不占地方,也没有纸,可他就是能「看见」——黄纸封皮,边角卷着,上头四个字,香火黄册。
封皮自己翻开了。
【神职档案】
姓名:顾远
编制:编外杂役(无正式神位)
辖地:黄泥村土地庙
香火:零
功德:零
考核:三日后,末位淘汰
顾远盯着这几行字,半天没动。
香火零,功德零。
末位淘汰。
前四个字他熟。后四个字,他一个字一个字,从这具身子残留的那点零碎记忆里,慢慢拼了出来。

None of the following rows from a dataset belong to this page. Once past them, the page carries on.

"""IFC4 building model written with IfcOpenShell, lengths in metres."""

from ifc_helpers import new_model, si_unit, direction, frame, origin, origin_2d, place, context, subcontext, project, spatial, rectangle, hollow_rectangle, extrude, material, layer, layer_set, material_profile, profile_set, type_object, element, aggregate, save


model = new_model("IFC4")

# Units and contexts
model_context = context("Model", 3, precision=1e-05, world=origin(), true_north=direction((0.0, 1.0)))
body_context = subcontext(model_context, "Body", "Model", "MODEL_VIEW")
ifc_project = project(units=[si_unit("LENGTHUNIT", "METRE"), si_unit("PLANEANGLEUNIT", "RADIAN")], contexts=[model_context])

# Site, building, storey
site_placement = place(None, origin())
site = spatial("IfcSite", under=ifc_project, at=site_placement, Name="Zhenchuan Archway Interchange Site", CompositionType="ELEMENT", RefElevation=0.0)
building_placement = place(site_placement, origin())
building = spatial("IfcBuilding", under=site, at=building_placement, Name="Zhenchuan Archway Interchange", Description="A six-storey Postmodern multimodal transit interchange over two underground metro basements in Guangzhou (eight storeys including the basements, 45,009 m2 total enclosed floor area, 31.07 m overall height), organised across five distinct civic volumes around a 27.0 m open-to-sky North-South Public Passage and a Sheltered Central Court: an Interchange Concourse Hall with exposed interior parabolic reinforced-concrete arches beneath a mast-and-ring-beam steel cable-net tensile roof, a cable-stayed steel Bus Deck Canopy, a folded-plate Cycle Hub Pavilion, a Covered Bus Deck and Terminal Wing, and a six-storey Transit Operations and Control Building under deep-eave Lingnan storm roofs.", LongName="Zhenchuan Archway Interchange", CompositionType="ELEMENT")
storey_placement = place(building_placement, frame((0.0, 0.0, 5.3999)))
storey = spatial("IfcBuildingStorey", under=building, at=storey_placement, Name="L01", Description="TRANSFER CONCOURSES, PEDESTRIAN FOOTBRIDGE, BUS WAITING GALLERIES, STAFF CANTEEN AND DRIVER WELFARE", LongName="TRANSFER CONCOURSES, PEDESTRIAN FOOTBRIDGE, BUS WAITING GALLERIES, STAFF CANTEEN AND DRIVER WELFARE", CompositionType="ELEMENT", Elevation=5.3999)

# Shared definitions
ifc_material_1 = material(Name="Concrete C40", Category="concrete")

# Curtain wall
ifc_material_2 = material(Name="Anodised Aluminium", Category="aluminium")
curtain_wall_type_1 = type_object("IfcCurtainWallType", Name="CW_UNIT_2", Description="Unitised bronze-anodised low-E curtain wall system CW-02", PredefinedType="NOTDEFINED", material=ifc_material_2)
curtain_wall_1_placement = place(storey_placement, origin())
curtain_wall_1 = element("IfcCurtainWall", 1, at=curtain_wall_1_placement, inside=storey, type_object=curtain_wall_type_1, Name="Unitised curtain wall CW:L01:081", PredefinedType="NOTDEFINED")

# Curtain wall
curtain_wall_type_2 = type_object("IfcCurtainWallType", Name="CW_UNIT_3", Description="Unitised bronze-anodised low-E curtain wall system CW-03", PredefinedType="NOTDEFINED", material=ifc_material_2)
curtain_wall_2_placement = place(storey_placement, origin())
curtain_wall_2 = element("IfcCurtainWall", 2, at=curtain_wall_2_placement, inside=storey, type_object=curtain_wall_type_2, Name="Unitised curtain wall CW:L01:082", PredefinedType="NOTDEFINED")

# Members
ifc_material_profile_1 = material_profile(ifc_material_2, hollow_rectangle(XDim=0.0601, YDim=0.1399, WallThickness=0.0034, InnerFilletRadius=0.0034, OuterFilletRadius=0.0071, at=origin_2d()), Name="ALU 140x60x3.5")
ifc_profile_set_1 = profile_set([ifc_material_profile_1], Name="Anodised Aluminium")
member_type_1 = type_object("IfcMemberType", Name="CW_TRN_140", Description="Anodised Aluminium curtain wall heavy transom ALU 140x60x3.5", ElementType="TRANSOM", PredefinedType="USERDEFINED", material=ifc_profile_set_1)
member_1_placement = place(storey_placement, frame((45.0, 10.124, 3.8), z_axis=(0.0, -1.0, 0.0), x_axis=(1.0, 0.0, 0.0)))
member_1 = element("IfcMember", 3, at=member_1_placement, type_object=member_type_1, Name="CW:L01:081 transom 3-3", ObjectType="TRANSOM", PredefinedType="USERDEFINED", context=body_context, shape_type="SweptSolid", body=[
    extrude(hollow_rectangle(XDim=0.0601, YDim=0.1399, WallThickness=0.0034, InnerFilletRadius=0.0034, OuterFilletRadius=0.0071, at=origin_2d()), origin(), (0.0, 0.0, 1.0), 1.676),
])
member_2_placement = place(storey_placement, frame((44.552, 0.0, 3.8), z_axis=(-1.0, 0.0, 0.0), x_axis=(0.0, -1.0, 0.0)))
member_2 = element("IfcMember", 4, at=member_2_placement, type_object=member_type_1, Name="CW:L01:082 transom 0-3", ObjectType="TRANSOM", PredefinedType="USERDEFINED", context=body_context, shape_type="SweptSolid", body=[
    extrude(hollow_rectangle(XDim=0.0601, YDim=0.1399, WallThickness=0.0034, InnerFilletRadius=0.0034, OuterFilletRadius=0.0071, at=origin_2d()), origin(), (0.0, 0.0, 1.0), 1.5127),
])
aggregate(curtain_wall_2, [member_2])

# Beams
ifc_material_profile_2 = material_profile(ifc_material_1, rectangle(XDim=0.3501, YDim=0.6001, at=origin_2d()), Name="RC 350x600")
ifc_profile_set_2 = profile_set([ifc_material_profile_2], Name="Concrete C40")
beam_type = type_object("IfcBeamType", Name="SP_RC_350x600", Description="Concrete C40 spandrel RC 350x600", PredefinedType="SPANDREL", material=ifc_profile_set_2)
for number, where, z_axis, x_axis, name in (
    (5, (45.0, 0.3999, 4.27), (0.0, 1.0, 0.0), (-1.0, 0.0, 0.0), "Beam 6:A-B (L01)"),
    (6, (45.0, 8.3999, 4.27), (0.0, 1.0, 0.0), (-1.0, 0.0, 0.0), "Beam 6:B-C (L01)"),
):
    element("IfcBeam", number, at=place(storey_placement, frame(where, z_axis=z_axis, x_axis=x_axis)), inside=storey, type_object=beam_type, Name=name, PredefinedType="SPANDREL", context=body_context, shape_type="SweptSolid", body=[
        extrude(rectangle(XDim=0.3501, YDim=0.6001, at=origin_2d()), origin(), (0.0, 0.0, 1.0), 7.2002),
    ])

这个世界的神,不是谁都能当的。有编制,有俸禄,有考核。香火就是工资,功德就是绩效。编外杂役,说穿了,就是给土地庙打杂的临时工,连个正式神位都没混上。
末位淘汰,在这儿不是丢饭碗。
是神魂俱灭。
顾远忽然笑了一下。很轻,嘴角扯了扯,没出声。
前世在街道办,他见过多少张被「末位淘汰」吓白了的脸。临了,轮到自己,还换了个「神魂俱灭」的死法。
「注销。」他低声念了一遍,喉咙发干。
雨还在下,破庙里越来越潮,一股子泥土的腥气。他撑着土台子站起来,腿一软,差点栽回去,赶紧扶住供桌。供桌晃了晃,簌簌掉灰。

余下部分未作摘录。